Wir trinken einen auf dich.
Oktober 2018 – Ich lese
Seit langem mal wieder! Mit Genuss und von vorne bis hinten. Der Raum erscheint mir nicht zu still mit einem Buch in der Hand.
Ivan Krastev: Europadämmerung (Rechtsruck in Europa, wieso weshalb warum, kluges, angenehmes Essay)

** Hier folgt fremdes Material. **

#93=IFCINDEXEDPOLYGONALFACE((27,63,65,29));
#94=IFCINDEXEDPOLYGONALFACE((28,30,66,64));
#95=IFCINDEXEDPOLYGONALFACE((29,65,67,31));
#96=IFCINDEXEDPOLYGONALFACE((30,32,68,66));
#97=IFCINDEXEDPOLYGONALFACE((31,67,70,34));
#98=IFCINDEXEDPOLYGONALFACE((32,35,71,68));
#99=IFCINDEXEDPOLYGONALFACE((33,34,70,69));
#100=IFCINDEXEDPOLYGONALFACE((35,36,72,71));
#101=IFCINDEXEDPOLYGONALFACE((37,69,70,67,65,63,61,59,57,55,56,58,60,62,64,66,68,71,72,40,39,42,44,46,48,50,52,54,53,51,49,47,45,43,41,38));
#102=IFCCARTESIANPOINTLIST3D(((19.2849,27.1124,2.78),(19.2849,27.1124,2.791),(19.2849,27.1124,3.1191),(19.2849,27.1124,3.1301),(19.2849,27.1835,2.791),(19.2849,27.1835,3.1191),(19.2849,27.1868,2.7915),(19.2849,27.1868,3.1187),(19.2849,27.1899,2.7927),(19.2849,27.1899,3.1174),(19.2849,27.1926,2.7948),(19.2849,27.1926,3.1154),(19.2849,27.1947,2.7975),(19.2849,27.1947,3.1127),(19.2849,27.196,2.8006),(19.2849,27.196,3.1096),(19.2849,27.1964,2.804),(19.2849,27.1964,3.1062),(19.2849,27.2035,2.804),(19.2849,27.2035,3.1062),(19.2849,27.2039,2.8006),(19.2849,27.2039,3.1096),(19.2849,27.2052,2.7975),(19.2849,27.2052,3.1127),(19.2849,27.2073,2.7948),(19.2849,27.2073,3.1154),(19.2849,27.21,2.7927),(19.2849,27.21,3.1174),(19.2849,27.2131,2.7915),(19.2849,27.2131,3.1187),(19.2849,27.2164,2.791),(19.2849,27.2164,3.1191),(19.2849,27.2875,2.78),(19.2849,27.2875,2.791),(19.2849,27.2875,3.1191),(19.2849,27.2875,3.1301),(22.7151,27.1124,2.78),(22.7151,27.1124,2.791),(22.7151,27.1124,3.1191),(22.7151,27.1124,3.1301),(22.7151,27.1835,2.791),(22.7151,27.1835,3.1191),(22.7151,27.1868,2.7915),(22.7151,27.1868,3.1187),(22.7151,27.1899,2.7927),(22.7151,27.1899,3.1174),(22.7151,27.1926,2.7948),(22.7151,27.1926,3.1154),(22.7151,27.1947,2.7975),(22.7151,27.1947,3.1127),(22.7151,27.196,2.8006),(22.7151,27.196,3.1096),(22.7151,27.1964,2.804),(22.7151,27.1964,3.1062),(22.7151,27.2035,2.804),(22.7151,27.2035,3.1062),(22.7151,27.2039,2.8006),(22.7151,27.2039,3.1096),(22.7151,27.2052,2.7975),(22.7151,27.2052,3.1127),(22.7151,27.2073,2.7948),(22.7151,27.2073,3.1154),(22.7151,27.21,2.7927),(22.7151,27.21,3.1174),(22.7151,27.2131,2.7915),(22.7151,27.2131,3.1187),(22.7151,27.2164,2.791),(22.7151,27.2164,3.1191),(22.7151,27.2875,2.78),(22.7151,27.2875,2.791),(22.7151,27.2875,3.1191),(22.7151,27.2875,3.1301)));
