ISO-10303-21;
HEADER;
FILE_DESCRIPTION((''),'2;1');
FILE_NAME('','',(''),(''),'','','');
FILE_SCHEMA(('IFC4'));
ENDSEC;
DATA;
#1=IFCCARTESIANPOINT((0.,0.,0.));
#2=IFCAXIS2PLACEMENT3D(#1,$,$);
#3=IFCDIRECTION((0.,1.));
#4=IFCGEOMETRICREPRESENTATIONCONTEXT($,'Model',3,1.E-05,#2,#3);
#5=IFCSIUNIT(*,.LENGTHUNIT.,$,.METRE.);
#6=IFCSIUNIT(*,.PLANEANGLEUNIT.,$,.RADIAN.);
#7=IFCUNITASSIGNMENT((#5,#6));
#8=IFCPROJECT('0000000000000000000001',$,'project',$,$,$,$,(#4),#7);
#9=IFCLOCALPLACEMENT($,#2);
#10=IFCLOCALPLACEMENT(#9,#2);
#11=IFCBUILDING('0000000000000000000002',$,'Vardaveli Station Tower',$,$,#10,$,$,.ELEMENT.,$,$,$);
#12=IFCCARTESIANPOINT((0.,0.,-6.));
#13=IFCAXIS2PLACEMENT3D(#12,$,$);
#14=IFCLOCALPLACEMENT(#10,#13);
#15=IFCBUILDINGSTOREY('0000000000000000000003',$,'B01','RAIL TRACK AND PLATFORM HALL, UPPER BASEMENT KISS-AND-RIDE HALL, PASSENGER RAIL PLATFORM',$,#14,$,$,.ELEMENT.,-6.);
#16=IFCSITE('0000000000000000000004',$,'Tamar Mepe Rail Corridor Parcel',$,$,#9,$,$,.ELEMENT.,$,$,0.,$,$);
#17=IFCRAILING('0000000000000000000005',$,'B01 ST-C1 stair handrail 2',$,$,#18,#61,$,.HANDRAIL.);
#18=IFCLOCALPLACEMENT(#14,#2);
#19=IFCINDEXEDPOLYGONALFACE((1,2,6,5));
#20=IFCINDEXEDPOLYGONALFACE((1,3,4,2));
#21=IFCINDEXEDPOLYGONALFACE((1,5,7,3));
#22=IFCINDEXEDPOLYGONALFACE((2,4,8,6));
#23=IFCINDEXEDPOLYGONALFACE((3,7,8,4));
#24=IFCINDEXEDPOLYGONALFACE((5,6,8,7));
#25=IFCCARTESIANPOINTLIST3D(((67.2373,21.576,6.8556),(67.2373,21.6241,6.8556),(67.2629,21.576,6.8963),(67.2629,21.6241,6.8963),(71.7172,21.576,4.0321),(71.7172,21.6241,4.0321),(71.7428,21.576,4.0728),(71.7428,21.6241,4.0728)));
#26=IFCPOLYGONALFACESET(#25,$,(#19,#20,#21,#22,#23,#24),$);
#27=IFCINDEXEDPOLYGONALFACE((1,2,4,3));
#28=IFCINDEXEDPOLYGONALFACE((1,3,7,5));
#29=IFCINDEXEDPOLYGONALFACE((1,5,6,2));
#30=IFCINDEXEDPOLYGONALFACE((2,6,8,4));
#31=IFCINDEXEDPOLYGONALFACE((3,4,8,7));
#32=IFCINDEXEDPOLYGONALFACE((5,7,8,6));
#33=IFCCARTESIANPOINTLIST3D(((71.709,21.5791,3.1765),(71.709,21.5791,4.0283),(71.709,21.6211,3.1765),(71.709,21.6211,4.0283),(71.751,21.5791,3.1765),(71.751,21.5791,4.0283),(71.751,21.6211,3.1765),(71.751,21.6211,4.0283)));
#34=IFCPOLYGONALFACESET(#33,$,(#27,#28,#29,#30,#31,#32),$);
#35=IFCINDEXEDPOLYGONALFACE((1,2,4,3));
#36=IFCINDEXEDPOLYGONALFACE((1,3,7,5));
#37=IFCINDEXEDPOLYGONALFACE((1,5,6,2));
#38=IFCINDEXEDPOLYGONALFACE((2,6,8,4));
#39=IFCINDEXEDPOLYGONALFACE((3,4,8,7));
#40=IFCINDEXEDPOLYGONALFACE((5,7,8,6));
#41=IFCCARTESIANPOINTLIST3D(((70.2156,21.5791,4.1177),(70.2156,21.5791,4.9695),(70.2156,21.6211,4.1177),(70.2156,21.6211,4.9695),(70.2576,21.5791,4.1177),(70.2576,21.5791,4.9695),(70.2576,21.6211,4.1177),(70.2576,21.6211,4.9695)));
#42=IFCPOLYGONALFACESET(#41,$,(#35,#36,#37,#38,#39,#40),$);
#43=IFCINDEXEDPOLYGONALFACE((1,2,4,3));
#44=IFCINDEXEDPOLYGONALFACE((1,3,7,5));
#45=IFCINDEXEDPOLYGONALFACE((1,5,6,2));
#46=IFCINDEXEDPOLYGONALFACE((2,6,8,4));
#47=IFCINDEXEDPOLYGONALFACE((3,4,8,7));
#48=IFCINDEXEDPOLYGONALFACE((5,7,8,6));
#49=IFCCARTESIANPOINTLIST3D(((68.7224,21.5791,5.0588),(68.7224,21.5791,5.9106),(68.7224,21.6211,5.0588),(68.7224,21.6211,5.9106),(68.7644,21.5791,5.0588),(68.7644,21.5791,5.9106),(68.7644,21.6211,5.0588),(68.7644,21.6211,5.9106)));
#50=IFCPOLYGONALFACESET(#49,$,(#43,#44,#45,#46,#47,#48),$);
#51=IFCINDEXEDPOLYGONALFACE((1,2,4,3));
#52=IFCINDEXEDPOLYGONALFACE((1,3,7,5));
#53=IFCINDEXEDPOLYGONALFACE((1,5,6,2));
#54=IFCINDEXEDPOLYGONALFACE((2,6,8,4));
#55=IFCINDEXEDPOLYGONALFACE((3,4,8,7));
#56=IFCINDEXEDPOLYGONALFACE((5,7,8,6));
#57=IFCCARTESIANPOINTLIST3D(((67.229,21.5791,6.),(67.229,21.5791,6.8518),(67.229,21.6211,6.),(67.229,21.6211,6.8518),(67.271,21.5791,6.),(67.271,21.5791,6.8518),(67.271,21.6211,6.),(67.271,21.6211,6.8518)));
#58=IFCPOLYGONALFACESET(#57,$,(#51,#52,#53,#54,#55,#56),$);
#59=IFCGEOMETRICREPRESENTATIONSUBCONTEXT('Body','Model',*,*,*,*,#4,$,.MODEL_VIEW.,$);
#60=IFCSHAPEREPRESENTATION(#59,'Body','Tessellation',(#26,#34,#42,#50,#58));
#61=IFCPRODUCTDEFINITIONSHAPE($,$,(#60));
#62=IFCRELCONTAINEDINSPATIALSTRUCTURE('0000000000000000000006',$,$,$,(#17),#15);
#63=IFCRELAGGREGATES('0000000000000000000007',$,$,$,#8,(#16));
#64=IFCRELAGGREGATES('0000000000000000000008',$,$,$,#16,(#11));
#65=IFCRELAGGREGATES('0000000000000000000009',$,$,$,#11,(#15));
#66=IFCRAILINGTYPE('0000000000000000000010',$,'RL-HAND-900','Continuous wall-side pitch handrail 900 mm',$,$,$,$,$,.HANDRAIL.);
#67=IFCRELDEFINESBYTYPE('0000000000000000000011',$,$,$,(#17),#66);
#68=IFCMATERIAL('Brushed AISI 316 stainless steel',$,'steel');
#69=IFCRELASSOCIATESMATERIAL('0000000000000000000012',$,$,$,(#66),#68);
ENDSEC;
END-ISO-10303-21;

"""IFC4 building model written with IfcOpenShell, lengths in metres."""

from ifc_helpers import new_model, si_unit, direction, frame, origin, origin_2d, place, context, subcontext, project, spatial, rectangle, extrude, source, transform, mapped, material, type_object, element, save


model = new_model("IFC4")

# Units and contexts
model_context = context("Model", 3, precision=1e-05, world=origin(), true_north=direction((0.0, 1.0)))
body_context = subcontext(model_context, "Body", "Model", "MODEL_VIEW")
ifc_project = project(units=[si_unit("LENGTHUNIT", "METRE"), si_unit("PLANEANGLEUNIT", "RADIAN")], contexts=[model_context])

# Site, building, storey
site_placement = place(None, origin())
site = spatial("IfcSite", under=ifc_project, at=site_placement, Name="Tamar Mepe Rail Corridor Parcel", CompositionType="ELEMENT", RefElevation=0.0)
building_placement = place(site_placement, origin())
building = spatial("IfcBuilding", under=site, at=building_placement, Name="Vardaveli Station Tower", CompositionType="ELEMENT")
storey_placement = place(building_placement, frame((0.0, 0.0, -6.0)))
storey = spatial("IfcBuildingStorey", under=building, at=storey_placement, Name="B01", Description="RAIL TRACK AND PLATFORM HALL, UPPER BASEMENT KISS-AND-RIDE HALL, PASSENGER RAIL PLATFORM", CompositionType="ELEMENT", Elevation=-6.0)

# Railing
ifc_material_1 = material(Name="Brushed AISI 316 stainless steel", Category="steel")
railing_type_1 = type_object("IfcRailingType", Name="RL-HAND-900", Description="Continuous wall-side pitch handrail 900 mm", PredefinedType="HANDRAIL", material=ifc_material_1)
shared_shape_1 = source(origin(), body_context, "Body", "SweptSolid", [
    extrude(rectangle(XDim=0.0481, YDim=0.0481, at=origin_2d()), frame((0.0, 0.0, 0.876), z_axis=(-0.845998, 0.0, 0.533186), x_axis=(0.0, -1.0, 0.0)), (0.0, 0.0, 1.0), 5.2954),
    extrude(rectangle(XDim=0.042, YDim=0.042, at=origin_2d()), origin(), (0.0, 0.0, 1.0), 0.8518),
    extrude(rectangle(XDim=0.042, YDim=0.042, at=origin_2d()), frame((-1.4934, 0.0, 0.9412)), (0.0, 0.0, 1.0), 0.8518),
    extrude(rectangle(XDim=0.042, YDim=0.042, at=origin_2d()), frame((-2.9866, 0.0, 1.8823)), (0.0, 0.0, 1.0), 0.8518),
    extrude(rectangle(XDim=0.042, YDim=0.042, at=origin_2d()), frame((-4.48, 0.0, 2.8235)), (0.0, 0.0, 1.0), 0.8518),
])
railing_1_placement = place(storey_placement, frame((71.73, 21.6001, 3.1765)))
element("IfcRailing", 1, at=railing_1_placement, inside=storey, type_object=railing_type_1, Name="B01 ST-C1 stair handrail 2", PredefinedType="HANDRAIL", context=body_context, shape_type="MappedRepresentation", body=[
    mapped(shared_shape_1, transform((0.0, 0.0, 0.0), scale=1.0)),
])

save(model, "model.ifc")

Didier Eribon: Rückkehr nach Reims (mich überzeugende Mischung aus Biographie und Soziologie, ich staune – wie er – darüber, dass er nicht früher darauf gekommen ist, seine Klasse als Prägung zu thematisieren, ich lerne, dass sich die französischen anders als die deutschen Arbeiter als Klasse an und für sich begreifen, dass sie zu Rechtswählern geworden sind, was Eribon im (falschen, wie ich finde) Umkehrschluss dazu veranlasst, sie in eine Linke zurück wünschen und locken zu wollen, die es zurzeit nicht gibt, und die den Fehler macht, die Arbeit selbst nicht infrage zu stellen, geschweige denn den Arbeiter, aber das wird die KI-Entwicklung sowieso von alleine erledigen.

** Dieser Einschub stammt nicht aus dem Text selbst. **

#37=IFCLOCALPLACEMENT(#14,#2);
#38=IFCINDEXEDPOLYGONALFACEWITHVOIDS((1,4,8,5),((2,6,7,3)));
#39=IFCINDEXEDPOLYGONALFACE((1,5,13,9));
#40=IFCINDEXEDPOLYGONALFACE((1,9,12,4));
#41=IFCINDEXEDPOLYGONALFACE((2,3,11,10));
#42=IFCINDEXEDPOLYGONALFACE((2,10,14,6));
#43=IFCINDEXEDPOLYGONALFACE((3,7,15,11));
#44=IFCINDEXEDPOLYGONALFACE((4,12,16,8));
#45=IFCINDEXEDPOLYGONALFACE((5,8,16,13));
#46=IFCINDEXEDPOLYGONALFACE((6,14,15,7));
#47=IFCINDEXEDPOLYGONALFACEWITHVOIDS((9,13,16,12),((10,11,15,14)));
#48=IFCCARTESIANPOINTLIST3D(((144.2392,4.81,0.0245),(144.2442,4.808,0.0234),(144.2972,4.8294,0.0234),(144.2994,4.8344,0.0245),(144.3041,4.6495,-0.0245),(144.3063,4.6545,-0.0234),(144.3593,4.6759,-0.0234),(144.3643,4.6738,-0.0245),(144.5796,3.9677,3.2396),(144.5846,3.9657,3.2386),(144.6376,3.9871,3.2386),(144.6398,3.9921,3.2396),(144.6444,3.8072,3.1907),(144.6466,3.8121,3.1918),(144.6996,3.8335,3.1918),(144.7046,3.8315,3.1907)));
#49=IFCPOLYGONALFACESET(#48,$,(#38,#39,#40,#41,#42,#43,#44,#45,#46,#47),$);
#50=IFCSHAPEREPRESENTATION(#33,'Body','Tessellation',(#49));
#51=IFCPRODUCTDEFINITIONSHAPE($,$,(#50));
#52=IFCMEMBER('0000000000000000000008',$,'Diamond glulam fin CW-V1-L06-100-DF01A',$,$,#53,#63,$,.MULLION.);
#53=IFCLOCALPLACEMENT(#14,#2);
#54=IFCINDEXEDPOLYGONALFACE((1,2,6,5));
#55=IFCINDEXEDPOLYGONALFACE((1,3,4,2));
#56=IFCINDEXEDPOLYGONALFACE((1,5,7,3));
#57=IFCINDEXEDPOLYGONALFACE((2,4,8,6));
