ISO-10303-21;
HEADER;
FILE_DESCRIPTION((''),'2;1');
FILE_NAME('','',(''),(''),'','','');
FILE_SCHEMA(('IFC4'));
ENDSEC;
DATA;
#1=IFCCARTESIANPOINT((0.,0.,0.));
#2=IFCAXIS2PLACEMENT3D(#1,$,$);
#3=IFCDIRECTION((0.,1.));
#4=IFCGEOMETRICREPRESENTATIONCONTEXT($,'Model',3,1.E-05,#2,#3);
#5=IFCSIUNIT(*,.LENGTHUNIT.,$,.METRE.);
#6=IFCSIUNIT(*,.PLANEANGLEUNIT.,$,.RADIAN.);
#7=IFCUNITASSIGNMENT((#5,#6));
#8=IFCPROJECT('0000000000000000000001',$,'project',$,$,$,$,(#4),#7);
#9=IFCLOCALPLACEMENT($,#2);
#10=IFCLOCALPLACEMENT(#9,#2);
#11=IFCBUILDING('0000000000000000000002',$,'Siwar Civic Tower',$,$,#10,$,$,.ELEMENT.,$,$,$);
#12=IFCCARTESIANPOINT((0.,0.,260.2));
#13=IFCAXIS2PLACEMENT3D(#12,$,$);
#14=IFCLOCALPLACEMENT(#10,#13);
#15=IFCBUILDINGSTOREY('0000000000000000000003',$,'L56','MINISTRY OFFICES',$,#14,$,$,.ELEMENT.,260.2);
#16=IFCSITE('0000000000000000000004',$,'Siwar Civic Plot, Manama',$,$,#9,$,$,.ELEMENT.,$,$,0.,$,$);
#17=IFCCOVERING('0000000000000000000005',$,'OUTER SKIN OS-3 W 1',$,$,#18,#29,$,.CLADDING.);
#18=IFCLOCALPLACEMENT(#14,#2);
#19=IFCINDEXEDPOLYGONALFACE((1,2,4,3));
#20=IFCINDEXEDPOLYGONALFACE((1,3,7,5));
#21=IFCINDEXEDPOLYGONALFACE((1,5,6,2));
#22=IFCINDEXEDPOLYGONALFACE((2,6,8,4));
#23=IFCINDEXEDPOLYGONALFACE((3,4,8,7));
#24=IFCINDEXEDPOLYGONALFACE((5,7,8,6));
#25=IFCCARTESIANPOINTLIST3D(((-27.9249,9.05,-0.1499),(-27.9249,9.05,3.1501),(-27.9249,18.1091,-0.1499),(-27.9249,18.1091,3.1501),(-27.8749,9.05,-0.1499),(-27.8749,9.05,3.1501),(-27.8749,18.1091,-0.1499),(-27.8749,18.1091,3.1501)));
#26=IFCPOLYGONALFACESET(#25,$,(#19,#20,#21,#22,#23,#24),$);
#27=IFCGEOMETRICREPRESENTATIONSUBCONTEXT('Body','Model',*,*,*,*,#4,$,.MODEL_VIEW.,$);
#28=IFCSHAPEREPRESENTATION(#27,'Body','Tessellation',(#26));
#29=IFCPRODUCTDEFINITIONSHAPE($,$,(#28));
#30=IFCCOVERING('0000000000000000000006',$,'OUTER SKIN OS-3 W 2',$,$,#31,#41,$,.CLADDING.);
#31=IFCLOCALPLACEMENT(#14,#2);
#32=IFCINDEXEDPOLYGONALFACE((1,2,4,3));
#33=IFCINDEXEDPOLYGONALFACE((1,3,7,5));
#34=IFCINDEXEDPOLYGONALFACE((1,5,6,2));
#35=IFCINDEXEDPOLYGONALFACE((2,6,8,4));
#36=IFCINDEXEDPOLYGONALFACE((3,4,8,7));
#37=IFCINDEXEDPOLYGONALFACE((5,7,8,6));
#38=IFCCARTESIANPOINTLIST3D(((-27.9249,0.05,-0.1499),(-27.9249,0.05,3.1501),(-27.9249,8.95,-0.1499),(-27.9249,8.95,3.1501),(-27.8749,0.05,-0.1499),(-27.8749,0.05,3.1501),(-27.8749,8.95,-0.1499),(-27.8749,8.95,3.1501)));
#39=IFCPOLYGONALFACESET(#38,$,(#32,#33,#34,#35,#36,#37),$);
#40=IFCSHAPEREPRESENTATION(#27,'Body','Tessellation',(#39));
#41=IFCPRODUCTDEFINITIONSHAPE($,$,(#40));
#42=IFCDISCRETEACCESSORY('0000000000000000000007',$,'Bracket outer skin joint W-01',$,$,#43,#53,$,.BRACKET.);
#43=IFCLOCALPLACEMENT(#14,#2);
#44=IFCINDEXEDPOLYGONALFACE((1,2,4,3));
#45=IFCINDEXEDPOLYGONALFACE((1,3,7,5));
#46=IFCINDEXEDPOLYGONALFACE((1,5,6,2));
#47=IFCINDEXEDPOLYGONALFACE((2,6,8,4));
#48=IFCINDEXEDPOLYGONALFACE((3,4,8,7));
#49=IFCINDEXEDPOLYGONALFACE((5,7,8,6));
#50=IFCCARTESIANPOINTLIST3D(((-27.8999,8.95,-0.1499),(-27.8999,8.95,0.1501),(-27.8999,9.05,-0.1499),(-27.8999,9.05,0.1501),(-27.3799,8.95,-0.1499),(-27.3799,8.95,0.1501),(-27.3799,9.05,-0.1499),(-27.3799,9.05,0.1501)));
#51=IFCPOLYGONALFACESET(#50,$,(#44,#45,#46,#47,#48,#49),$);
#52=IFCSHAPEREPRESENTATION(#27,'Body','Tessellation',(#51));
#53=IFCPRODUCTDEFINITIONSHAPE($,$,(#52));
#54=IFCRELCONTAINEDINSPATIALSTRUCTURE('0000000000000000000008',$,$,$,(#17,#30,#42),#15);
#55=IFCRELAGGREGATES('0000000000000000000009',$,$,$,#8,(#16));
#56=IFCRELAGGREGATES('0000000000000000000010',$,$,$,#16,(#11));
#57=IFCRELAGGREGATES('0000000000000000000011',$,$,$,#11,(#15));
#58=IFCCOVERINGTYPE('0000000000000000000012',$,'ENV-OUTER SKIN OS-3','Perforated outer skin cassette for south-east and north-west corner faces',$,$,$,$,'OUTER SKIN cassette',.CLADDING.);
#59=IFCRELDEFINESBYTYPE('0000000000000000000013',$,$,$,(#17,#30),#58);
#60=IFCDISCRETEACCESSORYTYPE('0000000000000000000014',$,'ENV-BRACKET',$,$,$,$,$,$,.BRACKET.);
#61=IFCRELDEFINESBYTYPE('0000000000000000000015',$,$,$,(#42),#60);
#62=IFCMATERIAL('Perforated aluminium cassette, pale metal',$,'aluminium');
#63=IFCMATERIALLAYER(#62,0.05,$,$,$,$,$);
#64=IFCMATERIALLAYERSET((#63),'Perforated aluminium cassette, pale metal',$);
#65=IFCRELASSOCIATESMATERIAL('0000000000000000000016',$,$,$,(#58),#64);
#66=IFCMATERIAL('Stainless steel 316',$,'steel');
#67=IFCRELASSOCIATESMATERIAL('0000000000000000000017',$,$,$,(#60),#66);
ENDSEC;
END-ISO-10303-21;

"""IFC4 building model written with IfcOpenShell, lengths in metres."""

from ifc_helpers import new_model, si_unit, direction, frame, origin, origin_2d, place, context, subcontext, project, spatial, rectangle, extrude, material, layer, layer_set, type_object, element, save


model = new_model("IFC4")

# Units and contexts
model_context = context("Model", 3, precision=1e-05, world=origin(), true_north=direction((0.0, 1.0)))
body_context = subcontext(model_context, "Body", "Model", "MODEL_VIEW")
ifc_project = project(units=[si_unit("LENGTHUNIT", "METRE"), si_unit("PLANEANGLEUNIT", "RADIAN")], contexts=[model_context])

# Site, building, storey
site_placement = place(None, origin())
site = spatial("IfcSite", under=ifc_project, at=site_placement, Name="Siwar Civic Plot, Manama", CompositionType="ELEMENT", RefElevation=0.0)
building_placement = place(site_placement, origin())
building = spatial("IfcBuilding", under=site, at=building_placement, Name="Siwar Civic Tower", CompositionType="ELEMENT")
storey_placement = place(building_placement, frame((0.0, 0.0, 260.2)))
storey = spatial("IfcBuildingStorey", under=building, at=storey_placement, Name="L56", Description="MINISTRY OFFICES", CompositionType="ELEMENT", Elevation=260.2)

# Coverings
ifc_material_1 = material(Name="Perforated aluminium cassette, pale metal", Category="aluminium")
ifc_layer_1 = layer(ifc_material_1, 0.05)
ifc_layer_set_1 = layer_set([ifc_layer_1], Name="Perforated aluminium cassette, pale metal")
covering_type = type_object("IfcCoveringType", Name="ENV-OUTER SKIN OS-3", Description="Perforated outer skin cassette for south-east and north-west corner faces", ElementType="OUTER SKIN cassette", PredefinedType="CLADDING", material=ifc_layer_set_1)
covering_1_placement = place(storey_placement, frame((-27.8999, 13.5796, -0.1499), z_axis=(0.0, 0.0, 1.0), x_axis=(0.0, -1.0, 0.0)))
element("IfcCovering", 1, at=covering_1_placement, inside=storey, type_object=covering_type, Name="OUTER SKIN OS-3 W 1", PredefinedType="CLADDING", context=body_context, shape_type="SweptSolid", body=[
    extrude(rectangle(XDim=9.0591, YDim=0.05, at=origin_2d()), origin(), (0.0, 0.0, 1.0), 3.3),
])
covering_2_placement = place(storey_placement, frame((-27.8999, 4.5, -0.1499), z_axis=(0.0, 0.0, 1.0), x_axis=(0.0, -1.0, 0.0)))
element("IfcCovering", 2, at=covering_2_placement, inside=storey, type_object=covering_type, Name="OUTER SKIN OS-3 W 2", PredefinedType="CLADDING", context=body_context, shape_type="SweptSolid", body=[
    extrude(rectangle(XDim=8.8999, YDim=0.05, at=origin_2d()), origin(), (0.0, 0.0, 1.0), 3.3),
])

# Discrete accessory
ifc_material_2 = material(Name="Stainless steel 316", Category="steel")
discrete_accessory_type = type_object("IfcDiscreteAccessoryType", Name="ENV-BRACKET", PredefinedType="BRACKET", material=ifc_material_2)
discrete_accessory_placement = place(storey_placement, frame((-27.6399, 9.0, -0.1499), z_axis=(0.0, 0.0, 1.0), x_axis=(-1.0, 0.0, 0.0)))
element("IfcDiscreteAccessory", 3, at=discrete_accessory_placement, inside=storey, type_object=discrete_accessory_type, Name="Bracket outer skin joint W-01", PredefinedType="BRACKET", context=body_context, shape_type="SweptSolid", body=[
    extrude(rectangle(XDim=0.52, YDim=0.1001, at=origin_2d()), origin(), (0.0, 0.0, 1.0), 0.3),
])

save(model, "model.ifc")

Virginie Despentes: Vernon Subutex (ich breche nach mehr als einem Drittel ab. Die Aneinanderreihung mieser Charaktere, mies ganz sicher nicht im Sinne der Erzählweise, mies in Bezug auf ihre Kälte und Ungerührtheit was Sex, Drogen und Beziehungen angeht, langweilt mich schnell. Was für eine verkommene Brut sie da zeichnet, ihren Freundeskreis womöglich, das glaubt doch kein Mensch, dass das Menschen sind. feministische Macho-Lektüre, wie schon bei ihren Filmen).
Annie Ernaux: Die Jahre. In großen Teilen wunderschönes Buch, das eine Form hat, die mich aufgrund ihrer Tagebuch-Qualitäten sehr anzieht, sowas würde ich auch gerne schreiben, sehr anregend also, trotzdem teilweise so harmonisch und wenig szenisch, dass ich eben doch auch finde, dass hier eine Lehrerin schreibt, damit meine ich, ganz böse, etwas brav geraten. Aber egal. Ich fands toll. Frauen ab 70, wo seid ihr, mehr von euch!
Oktober 2018 – Seinen Käse verdienen
Kürzlich in der U8 (wo sonst?).Ein Obdachloser schlurft durch den Gang, groß, gebeugt, schon etwas älter, mit lauter, schnarrender, dringlich-vorwurfsvoller Stimme bittet er um Geld, was zu essen oder zu trinken auch okay, aber. Leute. Echt jetzt mal. Kann doch nicht sein. Hat denn nicht einer?!
Eine Frau läuft hinter ihm her, tippt ihm auf die Schulter und reicht ihm, als er sich umdreht, eine durchsichtige Plastiktüte mit fünf Schrippen. Der Mann nimmt die Tüte, guckt darauf, reicht sie ihr brüsk zurück und schlurft weiter den Gang hinunter: Brötchen, ihr immer mit euern Brötchen, ich brauch keine Brötchen, was soll ich denn mit Brötchen, wenns wenigstens mal Käse wäre oder sowas, aber Brötchen, nee.